Since its debut in Shanghai, there’s been nothing short of anticipation for the arrival of the Gucci Cosmos exhibition in London.
For Gucci Cosmos’ run at 180 Studios at 180 The Strand, the designer of the original exhibition, British artist Es Devlin, has created a show space with additional elements that pay tribute to the UK capital. Through an array of sets, sculptures and multimedia artworks, various immersive worlds craft experiences that are both visually and physically captivating.
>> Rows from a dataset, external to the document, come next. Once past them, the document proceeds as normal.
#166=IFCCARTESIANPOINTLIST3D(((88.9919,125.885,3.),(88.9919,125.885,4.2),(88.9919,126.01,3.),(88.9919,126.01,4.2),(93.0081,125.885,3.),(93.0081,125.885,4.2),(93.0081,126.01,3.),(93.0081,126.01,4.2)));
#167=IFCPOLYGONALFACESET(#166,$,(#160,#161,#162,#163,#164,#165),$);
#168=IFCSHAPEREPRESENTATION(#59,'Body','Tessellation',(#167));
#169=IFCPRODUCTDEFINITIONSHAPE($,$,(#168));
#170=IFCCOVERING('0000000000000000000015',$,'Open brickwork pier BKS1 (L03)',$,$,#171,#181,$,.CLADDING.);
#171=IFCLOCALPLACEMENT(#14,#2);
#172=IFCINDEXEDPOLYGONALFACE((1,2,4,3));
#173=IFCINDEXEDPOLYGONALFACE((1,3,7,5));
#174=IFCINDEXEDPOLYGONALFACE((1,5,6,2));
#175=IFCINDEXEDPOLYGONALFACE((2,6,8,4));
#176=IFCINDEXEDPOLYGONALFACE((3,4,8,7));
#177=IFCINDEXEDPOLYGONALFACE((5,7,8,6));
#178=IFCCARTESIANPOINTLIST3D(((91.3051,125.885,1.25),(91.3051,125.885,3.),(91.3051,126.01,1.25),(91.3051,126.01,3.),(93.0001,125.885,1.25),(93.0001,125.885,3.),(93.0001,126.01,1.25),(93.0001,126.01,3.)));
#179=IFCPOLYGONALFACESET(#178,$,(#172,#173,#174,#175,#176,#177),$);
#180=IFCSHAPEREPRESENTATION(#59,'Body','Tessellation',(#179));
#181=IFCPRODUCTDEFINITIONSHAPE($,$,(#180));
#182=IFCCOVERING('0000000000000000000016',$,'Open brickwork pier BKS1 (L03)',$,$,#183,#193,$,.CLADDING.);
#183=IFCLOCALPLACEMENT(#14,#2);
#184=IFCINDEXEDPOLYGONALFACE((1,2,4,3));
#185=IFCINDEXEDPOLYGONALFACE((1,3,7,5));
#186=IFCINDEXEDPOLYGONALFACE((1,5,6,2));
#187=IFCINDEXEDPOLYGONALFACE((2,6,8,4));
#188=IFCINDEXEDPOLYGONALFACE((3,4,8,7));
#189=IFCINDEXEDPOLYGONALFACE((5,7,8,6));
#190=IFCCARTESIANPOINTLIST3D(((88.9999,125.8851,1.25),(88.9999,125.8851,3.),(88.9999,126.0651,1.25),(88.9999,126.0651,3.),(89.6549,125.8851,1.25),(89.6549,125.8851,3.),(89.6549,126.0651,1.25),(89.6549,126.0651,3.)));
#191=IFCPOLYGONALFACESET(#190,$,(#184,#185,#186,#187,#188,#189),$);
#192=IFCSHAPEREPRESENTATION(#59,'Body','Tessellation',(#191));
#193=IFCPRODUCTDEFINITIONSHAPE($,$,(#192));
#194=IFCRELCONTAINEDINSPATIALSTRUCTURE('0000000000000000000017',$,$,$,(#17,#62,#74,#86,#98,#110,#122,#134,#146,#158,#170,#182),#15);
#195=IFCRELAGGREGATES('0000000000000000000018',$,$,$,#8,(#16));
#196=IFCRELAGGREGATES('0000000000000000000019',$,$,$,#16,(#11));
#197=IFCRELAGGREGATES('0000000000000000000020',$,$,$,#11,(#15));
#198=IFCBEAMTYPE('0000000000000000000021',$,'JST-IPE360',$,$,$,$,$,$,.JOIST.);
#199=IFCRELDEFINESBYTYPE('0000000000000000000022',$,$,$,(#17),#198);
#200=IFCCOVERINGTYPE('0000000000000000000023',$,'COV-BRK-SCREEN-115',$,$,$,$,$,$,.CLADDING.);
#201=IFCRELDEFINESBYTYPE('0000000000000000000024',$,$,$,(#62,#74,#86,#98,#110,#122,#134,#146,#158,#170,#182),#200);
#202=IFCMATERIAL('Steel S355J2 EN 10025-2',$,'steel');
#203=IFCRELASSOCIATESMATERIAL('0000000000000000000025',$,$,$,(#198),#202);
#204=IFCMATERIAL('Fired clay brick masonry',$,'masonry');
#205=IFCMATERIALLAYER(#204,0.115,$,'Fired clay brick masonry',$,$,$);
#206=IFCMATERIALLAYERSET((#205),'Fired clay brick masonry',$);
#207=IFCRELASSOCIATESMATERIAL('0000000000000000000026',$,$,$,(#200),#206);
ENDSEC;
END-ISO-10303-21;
Curated by Italian fashion critic Maria Luisa Frisa, Gucci Cosmos features never-before-seen items from the Gucci archive, taking us through decades of the beloved brand, demonstrating how it has evolved over the last century and how its visionary design ethos has stood the test of time.
London plays a pivotal role in Gucci’s rich history; it was here that founder Guccio Gucci was first inspired to start his artisanal luggage atelier whilst working as a bell boy at The Savoy. This is also where the exhibition invites us to begin our journey, recreating the legendary hotel’s famous Red Lift for its ‘Ascending Room’.
A labyrinth series of revolving doors leads us on to our immersive journey from rotating luggage belts, archival pieces from Tom Ford, Alessandro Michele, and Frida Giannini, to its current designer Sabato De Sarno. Two 10-metre tall statues lie horizontally with designs projected onto them. The ‘Archivio’ section with endless mirrors and sky blue paint, houses an archive of bags from the Jackie to the Bamboo. At the ‘Cabinet of Wonders’, an installation spins around to reveal Met Gala gowns, Elton John looks, Harry Styles’ concert pieces, and all sorts of whimsical accessories.
The exhibition’s last display, put together specifically for the London instalment, looks towards Gucci’s future under Sabato De Sarno’s creative direction. Titled ‘Gucci Ancora’— which is Italian for “also now, also then”— the room is shrouded in red light, mirroring De Sarno’s inaugural Gucci collection where the colour was first established as his trademark.